For the first year or so, I used a Tasco PDP3 red-dot on my S&W 629.   I liked the quick sight acquisition, but didn't like the fact that I couldn't be precise with it.  Out past 50 yards or so, the dot covered up too much of the target and I found myself shooting at "deer" instead of "heart or lungs".

So, I went with a Leupold 2x EER.   I really liked it, and found it to be ideal for close range... The eye relief and sight picture were very forgiving, but again, out past that range, I couldn't be as precise as I wanted to be...

So, this past year, I went with a Bushnell Elite 3200 2x6 variable.  I love it!  At 100 yards, I can zoom it in and put the bullet exactly where I want... Then while hunting, I can put it on 2x and still have the forgiveness that the Leupold gave me at close range, and if the deer is further out, zoom in accordingly.

So, the variable gave me the best of both worlds.

Go to a gun store, pick a few out and go outside and look through them, play with them, etc... Pick whichever one you're most comfortable with and can afford.


----------



## deerslayer357

can't go wrong with a Leupold 2X EER.  however, at 100 yards a gallon milk jug looks like a coke can at 25.


----------



## dertiedawg

I have a Simmons Pro Hunter 2-6 variable on mine and it is great (have put several thousand rounds through the gun with this scope and no issues so far). I shoot to 100 yards very well with it and use a shooting stick. I have taken deer out to 75 yards with it so far and it does a great job. The variable scopes are slightly heavier than the fixed though. I use the same rings that came with it and remove the scope often and never have to site it back in as it stays dead on. Good luck with your new piece.


----------



## Buckhead

Another vote for the 2 power Leupold or any fixed 2.  I have a 2 power Pentax (Burris) on my 10 inch .44 Contender barrel.  The 2 power allows quick target acquisition, doesn't black out too bad and is easy to hold steady.  With a .44 mag, it isn't like you are shooting over 100 yds anyway, so you really don't need much magnification.


----------



## beatski

deerslayer357 said:


> can't go wrong with a Leupold 2X EER.  however, at 100 yards a gallon milk jug looks like a coke can at 25.




I am glad to find your site - now I know what a good one looks like.
Very good topic to share with us. Great info.


----------



## HandgunHTR

I used a Swift 4X scope on my .44 Encore for many years and I liked it.

I shoot open sights on my SRH now, but if I were to scope it, I would go with another 4X.
Wide enough for close work, but enough magnification for the 100 yard shots.


----------



## cww_jm

Thanks for all the advice.  I ended up getting the Ruger, but bought a Contender, too.  Too good a deal.  I think this handgun stuff is becoming adicting and I have yet to hunt!


----------



## Buckhead

cww_jm said:


> Thanks for all the advice.  I ended up getting the Ruger, but bought a Contender, too.  Too good a deal.  I think this handgun stuff is becoming adicting and I have yet to hunt!

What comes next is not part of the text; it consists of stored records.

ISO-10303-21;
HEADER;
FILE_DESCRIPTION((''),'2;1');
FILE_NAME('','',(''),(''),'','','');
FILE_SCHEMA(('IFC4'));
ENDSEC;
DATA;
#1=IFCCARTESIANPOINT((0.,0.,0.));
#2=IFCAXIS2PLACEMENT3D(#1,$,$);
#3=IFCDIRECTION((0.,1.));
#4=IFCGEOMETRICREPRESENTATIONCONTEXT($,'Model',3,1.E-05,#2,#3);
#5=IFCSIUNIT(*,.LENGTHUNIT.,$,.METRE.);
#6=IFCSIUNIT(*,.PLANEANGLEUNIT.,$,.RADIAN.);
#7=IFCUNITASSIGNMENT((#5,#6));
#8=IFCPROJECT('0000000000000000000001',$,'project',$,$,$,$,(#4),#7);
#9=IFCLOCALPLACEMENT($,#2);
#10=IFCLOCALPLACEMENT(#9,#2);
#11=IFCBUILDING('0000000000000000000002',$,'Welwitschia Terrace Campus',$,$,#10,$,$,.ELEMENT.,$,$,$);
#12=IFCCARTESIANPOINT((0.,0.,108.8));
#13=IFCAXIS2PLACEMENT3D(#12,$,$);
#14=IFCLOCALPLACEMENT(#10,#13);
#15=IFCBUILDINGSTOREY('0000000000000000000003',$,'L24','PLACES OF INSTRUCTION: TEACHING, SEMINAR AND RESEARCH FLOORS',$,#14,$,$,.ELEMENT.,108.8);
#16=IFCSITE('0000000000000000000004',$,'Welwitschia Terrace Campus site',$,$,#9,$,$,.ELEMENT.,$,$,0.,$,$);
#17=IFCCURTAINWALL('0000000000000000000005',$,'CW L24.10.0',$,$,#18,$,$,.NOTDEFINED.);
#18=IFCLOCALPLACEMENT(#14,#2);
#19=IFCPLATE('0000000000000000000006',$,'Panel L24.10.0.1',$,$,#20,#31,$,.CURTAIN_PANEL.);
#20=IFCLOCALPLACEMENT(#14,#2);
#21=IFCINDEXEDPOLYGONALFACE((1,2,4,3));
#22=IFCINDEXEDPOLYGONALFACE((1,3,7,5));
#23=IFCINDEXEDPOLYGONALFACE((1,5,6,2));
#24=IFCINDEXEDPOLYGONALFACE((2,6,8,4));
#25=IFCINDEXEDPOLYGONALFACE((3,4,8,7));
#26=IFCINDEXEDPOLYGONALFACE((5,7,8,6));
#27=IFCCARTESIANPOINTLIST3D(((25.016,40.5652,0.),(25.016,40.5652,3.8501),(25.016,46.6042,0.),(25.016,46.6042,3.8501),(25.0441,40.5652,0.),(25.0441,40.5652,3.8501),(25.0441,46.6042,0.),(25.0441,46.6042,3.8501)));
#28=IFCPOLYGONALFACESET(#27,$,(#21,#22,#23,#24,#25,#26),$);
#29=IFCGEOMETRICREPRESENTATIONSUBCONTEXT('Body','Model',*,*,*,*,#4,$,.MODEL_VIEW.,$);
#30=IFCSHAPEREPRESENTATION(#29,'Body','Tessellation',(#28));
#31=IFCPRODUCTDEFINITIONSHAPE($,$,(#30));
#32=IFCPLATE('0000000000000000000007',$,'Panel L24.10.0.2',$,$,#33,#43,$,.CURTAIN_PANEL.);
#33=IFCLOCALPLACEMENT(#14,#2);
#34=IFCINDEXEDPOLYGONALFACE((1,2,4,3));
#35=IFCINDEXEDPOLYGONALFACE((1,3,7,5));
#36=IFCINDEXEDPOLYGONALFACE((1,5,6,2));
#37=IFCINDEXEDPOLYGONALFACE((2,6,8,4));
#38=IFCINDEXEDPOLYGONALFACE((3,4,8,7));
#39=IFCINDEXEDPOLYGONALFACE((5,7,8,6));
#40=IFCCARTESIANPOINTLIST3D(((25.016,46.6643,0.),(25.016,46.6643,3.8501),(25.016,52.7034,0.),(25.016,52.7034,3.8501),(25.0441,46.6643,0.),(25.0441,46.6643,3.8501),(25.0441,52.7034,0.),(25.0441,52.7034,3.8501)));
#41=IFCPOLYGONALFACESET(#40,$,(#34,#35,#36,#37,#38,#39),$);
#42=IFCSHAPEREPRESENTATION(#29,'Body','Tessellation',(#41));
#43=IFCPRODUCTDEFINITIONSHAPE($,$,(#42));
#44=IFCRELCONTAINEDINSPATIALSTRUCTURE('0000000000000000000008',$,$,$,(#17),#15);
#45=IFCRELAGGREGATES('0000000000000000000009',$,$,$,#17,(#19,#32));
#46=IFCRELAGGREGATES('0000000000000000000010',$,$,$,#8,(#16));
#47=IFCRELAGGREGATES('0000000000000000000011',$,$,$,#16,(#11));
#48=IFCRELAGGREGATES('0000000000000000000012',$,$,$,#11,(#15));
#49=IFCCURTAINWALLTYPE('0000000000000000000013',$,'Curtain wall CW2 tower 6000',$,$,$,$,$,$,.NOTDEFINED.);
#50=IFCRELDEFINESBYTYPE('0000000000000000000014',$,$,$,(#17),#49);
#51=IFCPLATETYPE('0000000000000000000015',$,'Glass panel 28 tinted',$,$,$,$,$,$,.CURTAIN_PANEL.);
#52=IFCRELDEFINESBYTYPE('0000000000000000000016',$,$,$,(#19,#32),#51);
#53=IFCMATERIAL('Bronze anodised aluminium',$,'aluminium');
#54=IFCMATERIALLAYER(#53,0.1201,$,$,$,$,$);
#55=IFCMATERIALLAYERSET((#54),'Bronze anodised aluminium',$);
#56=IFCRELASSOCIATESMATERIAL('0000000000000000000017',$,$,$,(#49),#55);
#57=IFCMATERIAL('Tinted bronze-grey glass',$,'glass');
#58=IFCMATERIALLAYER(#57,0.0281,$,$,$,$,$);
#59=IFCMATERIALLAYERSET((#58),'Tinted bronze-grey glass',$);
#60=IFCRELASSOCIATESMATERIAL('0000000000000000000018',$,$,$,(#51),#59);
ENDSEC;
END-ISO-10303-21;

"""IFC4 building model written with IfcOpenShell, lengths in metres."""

from ifc_helpers import new_model, si_unit, direction, frame, origin, origin_2d, place, context, subcontext, project, spatial, rectangle, extrude, material, layer, layer_set, type_object, element, aggregate, save


model = new_model("IFC4")

# Units and contexts
model_context = context("Model", 3, precision=1e-05, world=origin(), true_north=direction((0.0, 1.0)))
body_context = subcontext(model_context, "Body", "Model", "MODEL_VIEW")
ifc_project = project(units=[si_unit("LENGTHUNIT", "METRE"), si_unit("PLANEANGLEUNIT", "RADIAN")], contexts=[model_context])

# Site, building, storey
site_placement = place(None, origin())
site = spatial("IfcSite", under=ifc_project, at=site_placement, Name="Welwitschia Terrace Campus site", CompositionType="ELEMENT", RefElevation=0.0)
building_placement = place(site_placement, origin())
building = spatial("IfcBuilding", under=site, at=building_placement, Name="Welwitschia Terrace Campus", CompositionType="ELEMENT")
storey_placement = place(building_placement, frame((0.0, 0.0, 108.8)))
storey = spatial("IfcBuildingStorey", under=building, at=storey_placement, Name="L24", Description="PLACES OF INSTRUCTION: TEACHING, SEMINAR AND RESEARCH FLOORS", CompositionType="ELEMENT", Elevation=108.8)

# Shared definitions
ifc_material_1 = material(Name="Bronze anodised aluminium", Category="aluminium")
ifc_layer_1 = layer(ifc_material_1, 0.1201)
ifc_layer_set_1 = layer_set([ifc_layer_1], Name="Bronze anodised aluminium")
curtain_wall_type = type_object("IfcCurtainWallType", Name="Curtain wall CW2 tower 6000", PredefinedType="NOTDEFINED", material=ifc_layer_set_1)

# Curtain wall
curtain_wall_1_placement = place(storey_placement, origin())
curtain_wall_1 = element("IfcCurtainWall", 1, at=curtain_wall_1_placement, inside=storey, type_object=curtain_wall_type, Name="CW L24.10.0", PredefinedType="NOTDEFINED")

# Plates
ifc_material_2 = material(Name="Tinted bronze-grey glass", Category="glass")
ifc_layer_2 = layer(ifc_material_2, 0.0281)
ifc_layer_set_2 = layer_set([ifc_layer_2], Name="Tinted bronze-grey glass")
plate_type = type_object("IfcPlateType", Name="Glass panel 28 tinted", PredefinedType="CURTAIN_PANEL", material=ifc_layer_set_2)
plate_1_placement = place(storey_placement, frame((25.03, 43.5847, 0.0), z_axis=(0.0, 0.0, 1.0), x_axis=(0.0, 1.0, 0.0)))
plate_1 = element("IfcPlate", 2, at=plate_1_placement, type_object=plate_type, Name="Panel L24.10.0.1", PredefinedType="CURTAIN_PANEL", context=body_context, shape_type="SweptSolid", body=[
    extrude(rectangle(XDim=6.0391, YDim=0.0281, at=origin_2d()), origin(), (0.0, 0.0, 1.0), 3.8501),
])
plate_2_placement = place(storey_placement, frame((25.03, 49.6838, 0.0), z_axis=(0.0, 0.0, 1.0), x_axis=(0.0, 1.0, 0.0)))
plate_2 = element("IfcPlate", 3, at=plate_2_placement, type_object=plate_type, Name="Panel L24.10.0.2", PredefinedType="CURTAIN_PANEL", context=body_context, shape_type="SweptSolid", body=[
    extrude(rectangle(XDim=6.0391, YDim=0.0281, at=origin_2d()), origin(), (0.0, 0.0, 1.0), 3.8501),
])
aggregate(curtain_wall_1, [plate_1, plate_2])

save(model, "model.ifc")
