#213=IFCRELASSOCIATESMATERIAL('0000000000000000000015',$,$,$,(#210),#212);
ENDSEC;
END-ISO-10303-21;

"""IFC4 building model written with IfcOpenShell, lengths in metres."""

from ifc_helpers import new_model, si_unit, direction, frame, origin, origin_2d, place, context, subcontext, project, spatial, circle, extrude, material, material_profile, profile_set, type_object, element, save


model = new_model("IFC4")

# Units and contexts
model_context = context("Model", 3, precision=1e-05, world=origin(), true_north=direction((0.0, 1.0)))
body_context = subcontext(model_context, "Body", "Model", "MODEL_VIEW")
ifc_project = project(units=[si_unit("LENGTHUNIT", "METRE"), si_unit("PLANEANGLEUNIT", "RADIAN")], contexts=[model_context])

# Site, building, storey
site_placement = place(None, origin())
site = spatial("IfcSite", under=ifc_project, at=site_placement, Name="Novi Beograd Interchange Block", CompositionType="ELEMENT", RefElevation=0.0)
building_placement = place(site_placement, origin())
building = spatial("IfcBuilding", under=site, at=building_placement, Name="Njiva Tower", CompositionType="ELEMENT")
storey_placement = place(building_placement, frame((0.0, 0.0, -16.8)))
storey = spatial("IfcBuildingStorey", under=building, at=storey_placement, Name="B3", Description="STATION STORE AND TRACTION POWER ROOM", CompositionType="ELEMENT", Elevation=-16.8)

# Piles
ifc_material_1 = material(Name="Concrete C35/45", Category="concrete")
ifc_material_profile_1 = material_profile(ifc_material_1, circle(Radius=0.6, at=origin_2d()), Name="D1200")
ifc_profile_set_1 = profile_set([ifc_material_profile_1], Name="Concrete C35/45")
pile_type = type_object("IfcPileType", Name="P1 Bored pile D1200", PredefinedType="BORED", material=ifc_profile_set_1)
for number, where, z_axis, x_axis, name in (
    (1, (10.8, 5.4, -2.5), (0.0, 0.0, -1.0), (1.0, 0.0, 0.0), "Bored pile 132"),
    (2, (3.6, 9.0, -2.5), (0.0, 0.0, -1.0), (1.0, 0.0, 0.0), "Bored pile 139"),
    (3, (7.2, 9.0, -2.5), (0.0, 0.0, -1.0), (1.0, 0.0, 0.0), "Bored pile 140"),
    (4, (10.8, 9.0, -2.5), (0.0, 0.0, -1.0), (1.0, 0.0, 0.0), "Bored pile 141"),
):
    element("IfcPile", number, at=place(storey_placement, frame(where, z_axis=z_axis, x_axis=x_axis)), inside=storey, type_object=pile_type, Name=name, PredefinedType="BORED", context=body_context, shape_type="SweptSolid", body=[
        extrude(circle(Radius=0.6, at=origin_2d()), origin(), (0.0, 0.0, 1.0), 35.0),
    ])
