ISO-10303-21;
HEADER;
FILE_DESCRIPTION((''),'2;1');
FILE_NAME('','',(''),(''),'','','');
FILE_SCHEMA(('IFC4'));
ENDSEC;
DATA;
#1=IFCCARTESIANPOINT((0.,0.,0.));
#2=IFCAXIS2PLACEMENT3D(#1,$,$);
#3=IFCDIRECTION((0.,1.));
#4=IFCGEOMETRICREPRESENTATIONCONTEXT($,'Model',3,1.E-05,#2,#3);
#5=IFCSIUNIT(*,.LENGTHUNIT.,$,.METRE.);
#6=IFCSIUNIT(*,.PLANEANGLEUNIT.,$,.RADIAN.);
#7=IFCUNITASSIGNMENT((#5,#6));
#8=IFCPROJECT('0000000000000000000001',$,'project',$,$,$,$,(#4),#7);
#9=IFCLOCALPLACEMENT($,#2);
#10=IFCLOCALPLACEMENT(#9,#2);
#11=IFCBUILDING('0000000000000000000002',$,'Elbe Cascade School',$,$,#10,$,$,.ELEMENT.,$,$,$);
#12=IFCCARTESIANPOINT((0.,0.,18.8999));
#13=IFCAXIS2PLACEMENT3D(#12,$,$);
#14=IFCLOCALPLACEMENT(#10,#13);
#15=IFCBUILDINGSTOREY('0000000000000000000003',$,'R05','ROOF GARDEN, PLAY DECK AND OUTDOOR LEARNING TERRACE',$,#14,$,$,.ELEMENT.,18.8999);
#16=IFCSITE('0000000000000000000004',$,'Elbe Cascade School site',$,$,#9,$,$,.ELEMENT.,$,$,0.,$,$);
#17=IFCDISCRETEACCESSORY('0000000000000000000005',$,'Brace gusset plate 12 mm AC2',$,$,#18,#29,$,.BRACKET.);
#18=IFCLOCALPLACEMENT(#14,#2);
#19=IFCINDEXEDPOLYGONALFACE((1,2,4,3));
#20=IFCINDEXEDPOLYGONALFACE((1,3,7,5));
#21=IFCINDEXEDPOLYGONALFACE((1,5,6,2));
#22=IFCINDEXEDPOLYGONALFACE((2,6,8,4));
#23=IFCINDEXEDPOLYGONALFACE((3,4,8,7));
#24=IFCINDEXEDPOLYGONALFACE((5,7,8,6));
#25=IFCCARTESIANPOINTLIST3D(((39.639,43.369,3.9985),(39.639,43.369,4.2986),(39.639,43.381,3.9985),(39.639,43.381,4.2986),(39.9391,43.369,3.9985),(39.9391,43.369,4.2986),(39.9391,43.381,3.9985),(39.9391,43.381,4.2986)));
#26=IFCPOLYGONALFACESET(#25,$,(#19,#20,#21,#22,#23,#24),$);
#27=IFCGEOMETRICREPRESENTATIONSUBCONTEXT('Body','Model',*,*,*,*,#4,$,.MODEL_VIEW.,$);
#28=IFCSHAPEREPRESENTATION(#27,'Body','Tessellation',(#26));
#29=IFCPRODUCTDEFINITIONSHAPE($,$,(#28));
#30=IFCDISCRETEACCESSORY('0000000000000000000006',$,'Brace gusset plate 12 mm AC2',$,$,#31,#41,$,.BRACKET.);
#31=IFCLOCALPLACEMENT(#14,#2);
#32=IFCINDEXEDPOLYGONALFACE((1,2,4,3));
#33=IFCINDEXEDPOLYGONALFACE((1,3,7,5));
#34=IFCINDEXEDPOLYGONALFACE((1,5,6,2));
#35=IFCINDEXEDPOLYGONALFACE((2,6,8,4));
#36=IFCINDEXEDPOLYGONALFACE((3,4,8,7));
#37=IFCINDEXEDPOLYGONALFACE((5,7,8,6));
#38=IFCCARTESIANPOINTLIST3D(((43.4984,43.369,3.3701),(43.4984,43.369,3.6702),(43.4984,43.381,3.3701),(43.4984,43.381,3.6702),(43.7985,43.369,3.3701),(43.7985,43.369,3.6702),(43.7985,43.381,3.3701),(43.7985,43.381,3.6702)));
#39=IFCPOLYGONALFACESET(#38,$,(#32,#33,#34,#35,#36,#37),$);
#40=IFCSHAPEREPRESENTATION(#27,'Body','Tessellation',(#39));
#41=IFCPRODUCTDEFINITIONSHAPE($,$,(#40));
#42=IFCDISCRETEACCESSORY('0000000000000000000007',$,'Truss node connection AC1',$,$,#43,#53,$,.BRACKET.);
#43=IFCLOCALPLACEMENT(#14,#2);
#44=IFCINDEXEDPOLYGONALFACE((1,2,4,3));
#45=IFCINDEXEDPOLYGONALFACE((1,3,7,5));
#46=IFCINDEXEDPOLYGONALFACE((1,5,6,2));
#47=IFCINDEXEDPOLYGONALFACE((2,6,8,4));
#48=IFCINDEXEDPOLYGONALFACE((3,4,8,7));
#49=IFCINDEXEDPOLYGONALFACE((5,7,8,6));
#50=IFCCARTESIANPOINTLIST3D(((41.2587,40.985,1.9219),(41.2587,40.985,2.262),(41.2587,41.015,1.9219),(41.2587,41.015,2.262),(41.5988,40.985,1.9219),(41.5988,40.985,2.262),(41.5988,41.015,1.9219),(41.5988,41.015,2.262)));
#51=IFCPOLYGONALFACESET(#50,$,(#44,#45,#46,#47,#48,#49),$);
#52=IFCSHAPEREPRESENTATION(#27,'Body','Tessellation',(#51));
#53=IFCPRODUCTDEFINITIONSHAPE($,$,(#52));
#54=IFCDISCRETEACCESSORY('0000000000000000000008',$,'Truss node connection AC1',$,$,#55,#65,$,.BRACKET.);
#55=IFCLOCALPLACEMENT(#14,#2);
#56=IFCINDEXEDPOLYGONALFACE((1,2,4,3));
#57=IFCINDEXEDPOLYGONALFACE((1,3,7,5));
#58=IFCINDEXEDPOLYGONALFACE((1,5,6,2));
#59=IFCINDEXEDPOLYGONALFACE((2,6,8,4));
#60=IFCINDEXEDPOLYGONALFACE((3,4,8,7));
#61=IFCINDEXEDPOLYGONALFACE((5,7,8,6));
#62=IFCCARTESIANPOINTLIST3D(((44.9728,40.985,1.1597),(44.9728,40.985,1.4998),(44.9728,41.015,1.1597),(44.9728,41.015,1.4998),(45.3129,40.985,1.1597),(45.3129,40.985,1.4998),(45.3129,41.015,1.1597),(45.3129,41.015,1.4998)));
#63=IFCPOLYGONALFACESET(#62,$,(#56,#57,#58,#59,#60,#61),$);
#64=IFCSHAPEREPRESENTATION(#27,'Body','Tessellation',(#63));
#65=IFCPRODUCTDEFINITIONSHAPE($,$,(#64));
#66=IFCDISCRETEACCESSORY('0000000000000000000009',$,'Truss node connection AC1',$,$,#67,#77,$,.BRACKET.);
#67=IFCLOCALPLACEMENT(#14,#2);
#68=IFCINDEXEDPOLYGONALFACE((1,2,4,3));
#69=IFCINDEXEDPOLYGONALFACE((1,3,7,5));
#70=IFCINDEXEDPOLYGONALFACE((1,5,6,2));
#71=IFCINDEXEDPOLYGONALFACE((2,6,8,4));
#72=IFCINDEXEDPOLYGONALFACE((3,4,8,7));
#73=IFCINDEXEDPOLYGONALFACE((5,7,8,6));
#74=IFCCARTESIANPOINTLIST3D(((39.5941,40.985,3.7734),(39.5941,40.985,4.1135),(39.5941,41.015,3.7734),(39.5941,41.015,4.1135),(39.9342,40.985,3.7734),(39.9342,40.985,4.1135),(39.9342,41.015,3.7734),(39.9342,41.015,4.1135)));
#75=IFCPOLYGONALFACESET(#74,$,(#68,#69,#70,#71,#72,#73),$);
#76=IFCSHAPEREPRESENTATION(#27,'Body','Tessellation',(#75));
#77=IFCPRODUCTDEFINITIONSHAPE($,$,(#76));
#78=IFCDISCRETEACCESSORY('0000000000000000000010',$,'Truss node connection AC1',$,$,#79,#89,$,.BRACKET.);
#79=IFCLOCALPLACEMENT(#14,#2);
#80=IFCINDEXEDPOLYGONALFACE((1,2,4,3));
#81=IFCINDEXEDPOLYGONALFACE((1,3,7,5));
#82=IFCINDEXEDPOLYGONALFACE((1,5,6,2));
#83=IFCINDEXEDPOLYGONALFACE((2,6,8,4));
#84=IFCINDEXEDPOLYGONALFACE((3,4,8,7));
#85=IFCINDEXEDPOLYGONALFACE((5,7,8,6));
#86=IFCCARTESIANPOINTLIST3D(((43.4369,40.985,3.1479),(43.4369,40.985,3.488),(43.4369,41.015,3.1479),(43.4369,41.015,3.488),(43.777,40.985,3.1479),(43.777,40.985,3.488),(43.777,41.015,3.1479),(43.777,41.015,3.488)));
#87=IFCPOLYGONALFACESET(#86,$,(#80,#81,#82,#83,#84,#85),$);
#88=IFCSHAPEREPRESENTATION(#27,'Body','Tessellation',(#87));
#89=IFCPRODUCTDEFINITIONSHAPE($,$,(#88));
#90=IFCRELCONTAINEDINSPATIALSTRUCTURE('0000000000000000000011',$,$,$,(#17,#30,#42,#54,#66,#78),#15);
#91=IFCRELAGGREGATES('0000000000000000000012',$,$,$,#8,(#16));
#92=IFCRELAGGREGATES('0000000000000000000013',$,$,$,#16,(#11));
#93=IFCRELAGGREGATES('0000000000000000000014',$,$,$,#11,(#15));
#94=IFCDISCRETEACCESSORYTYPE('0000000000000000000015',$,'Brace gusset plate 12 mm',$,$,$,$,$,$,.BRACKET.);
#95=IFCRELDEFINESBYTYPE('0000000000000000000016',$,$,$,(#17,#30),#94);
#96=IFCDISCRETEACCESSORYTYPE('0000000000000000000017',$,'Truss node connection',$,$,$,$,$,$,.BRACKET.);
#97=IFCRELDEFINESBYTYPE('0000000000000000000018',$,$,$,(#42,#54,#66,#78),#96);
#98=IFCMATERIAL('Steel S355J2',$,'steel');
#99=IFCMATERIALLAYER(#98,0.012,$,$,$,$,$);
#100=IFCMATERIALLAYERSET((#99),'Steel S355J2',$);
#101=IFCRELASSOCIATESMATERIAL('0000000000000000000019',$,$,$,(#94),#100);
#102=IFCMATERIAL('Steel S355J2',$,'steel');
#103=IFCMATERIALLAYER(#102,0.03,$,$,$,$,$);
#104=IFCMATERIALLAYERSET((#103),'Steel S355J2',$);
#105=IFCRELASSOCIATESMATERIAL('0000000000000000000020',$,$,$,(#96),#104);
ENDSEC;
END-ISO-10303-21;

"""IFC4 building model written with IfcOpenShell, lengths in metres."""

from ifc_helpers import new_model, si_unit, direction, frame, origin, origin_2d, place, context, subcontext, project, spatial, rectangle, extrude, material, layer, layer_set, type_object, element, save


model = new_model("IFC4")

# Units and contexts
model_context = context("Model", 3, precision=1e-05, world=origin(), true_north=direction((0.0, 1.0)))
body_context = subcontext(model_context, "Body", "Model", "MODEL_VIEW")
ifc_project = project(units=[si_unit("LENGTHUNIT", "METRE"), si_unit("PLANEANGLEUNIT", "RADIAN")], contexts=[model_context])

# Site, building, storey
site_placement = place(None, origin())
site = spatial("IfcSite", under=ifc_project, at=site_placement, Name="Elbe Cascade School site", CompositionType="ELEMENT", RefElevation=0.0)
building_placement = place(site_placement, origin())
building = spatial("IfcBuilding", under=site, at=building_placement, Name="Elbe Cascade School", CompositionType="ELEMENT")
storey_placement = place(building_placement, frame((0.0, 0.0, 18.8999)))
storey = spatial("IfcBuildingStorey", under=building, at=storey_placement, Name="R05", Description="ROOF GARDEN, PLAY DECK AND OUTDOOR LEARNING TERRACE", CompositionType="ELEMENT", Elevation=18.8999)

# Discrete accessories
ifc_material_1 = material(Name="Steel S355J2", Category="steel")
ifc_layer_1 = layer(ifc_material_1, 0.012)
ifc_layer_set_1 = layer_set([ifc_layer_1], Name="Steel S355J2")
discrete_accessory_type_1 = type_object("IfcDiscreteAccessoryType", Name="Brace gusset plate 12 mm", PredefinedType="BRACKET", material=ifc_layer_set_1)
for number, where, z_axis, x_axis, name in (
    (1, (39.7891, 43.375, 3.9985), (0.0, 0.0, 1.0), (1.0, 0.0, 0.0), "Brace gusset plate 12 mm AC2"),
    (2, (43.6484, 43.375, 3.3701), (0.0, 0.0, 1.0), (1.0, 0.0, 0.0), "Brace gusset plate 12 mm AC2"),
):
    element("IfcDiscreteAccessory", number, at=place(storey_placement, frame(where, z_axis=z_axis, x_axis=x_axis)), inside=storey, type_object=discrete_accessory_type_1, Name=name, PredefinedType="BRACKET", context=body_context, shape_type="SweptSolid", body=[
        extrude(rectangle(XDim=0.3, YDim=0.012, at=origin_2d()), origin(), (0.0, 0.0, 1.0), 0.3),
    ])
ifc_material_2 = material(Name="Steel S355J2", Category="steel")
ifc_layer_2 = layer(ifc_material_2, 0.03)
ifc_layer_set_2 = layer_set([ifc_layer_2], Name="Steel S355J2")
discrete_accessory_type_2 = type_object("IfcDiscreteAccessoryType", Name="Truss node connection", PredefinedType="BRACKET", material=ifc_layer_set_2)
for number, where, z_axis, x_axis, name in (
    (3, (41.4287, 41.0, 1.9219), (0.0, 0.0, 1.0), (1.0, 0.0, 0.0), "Truss node connection AC1"),
    (4, (45.1428, 41.0, 1.1597), (0.0, 0.0, 1.0), (1.0, 0.0, 0.0), "Truss node connection AC1"),
    (5, (39.7642, 41.0, 3.7734), (0.0, 0.0, 1.0), (1.0, 0.0, 0.0), "Truss node connection AC1"),
    (6, (43.6069, 41.0, 3.1479), (0.0, 0.0, 1.0), (1.0, 0.0, 0.0), "Truss node connection AC1"),
):
    element("IfcDiscreteAccessory", number, at=place(storey_placement, frame(where, z_axis=z_axis, x_axis=x_axis)), inside=storey, type_object=discrete_accessory_type_2, Name=name, PredefinedType="BRACKET", context=body_context, shape_type="SweptSolid", body=[
        extrude(rectangle(XDim=0.3401, YDim=0.03, at=origin_2d()), origin(), (0.0, 0.0, 1.0), 0.3401),
    ])

save(model, "model.ifc")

You will like that Contender.  They shoot amazingly well.  I was reluctant at first, then I went to the range with a buddy of mine.  Bought a Contender the following week.  Generally speaking, you will not get the same performance or accuracy out of a revolver.


----------



## AliBubba

I have Leupold 2X on my .44 Rem Mag SRH. Love it!


----------



## Barry Duggan

2X Leupold gets my vote.


----------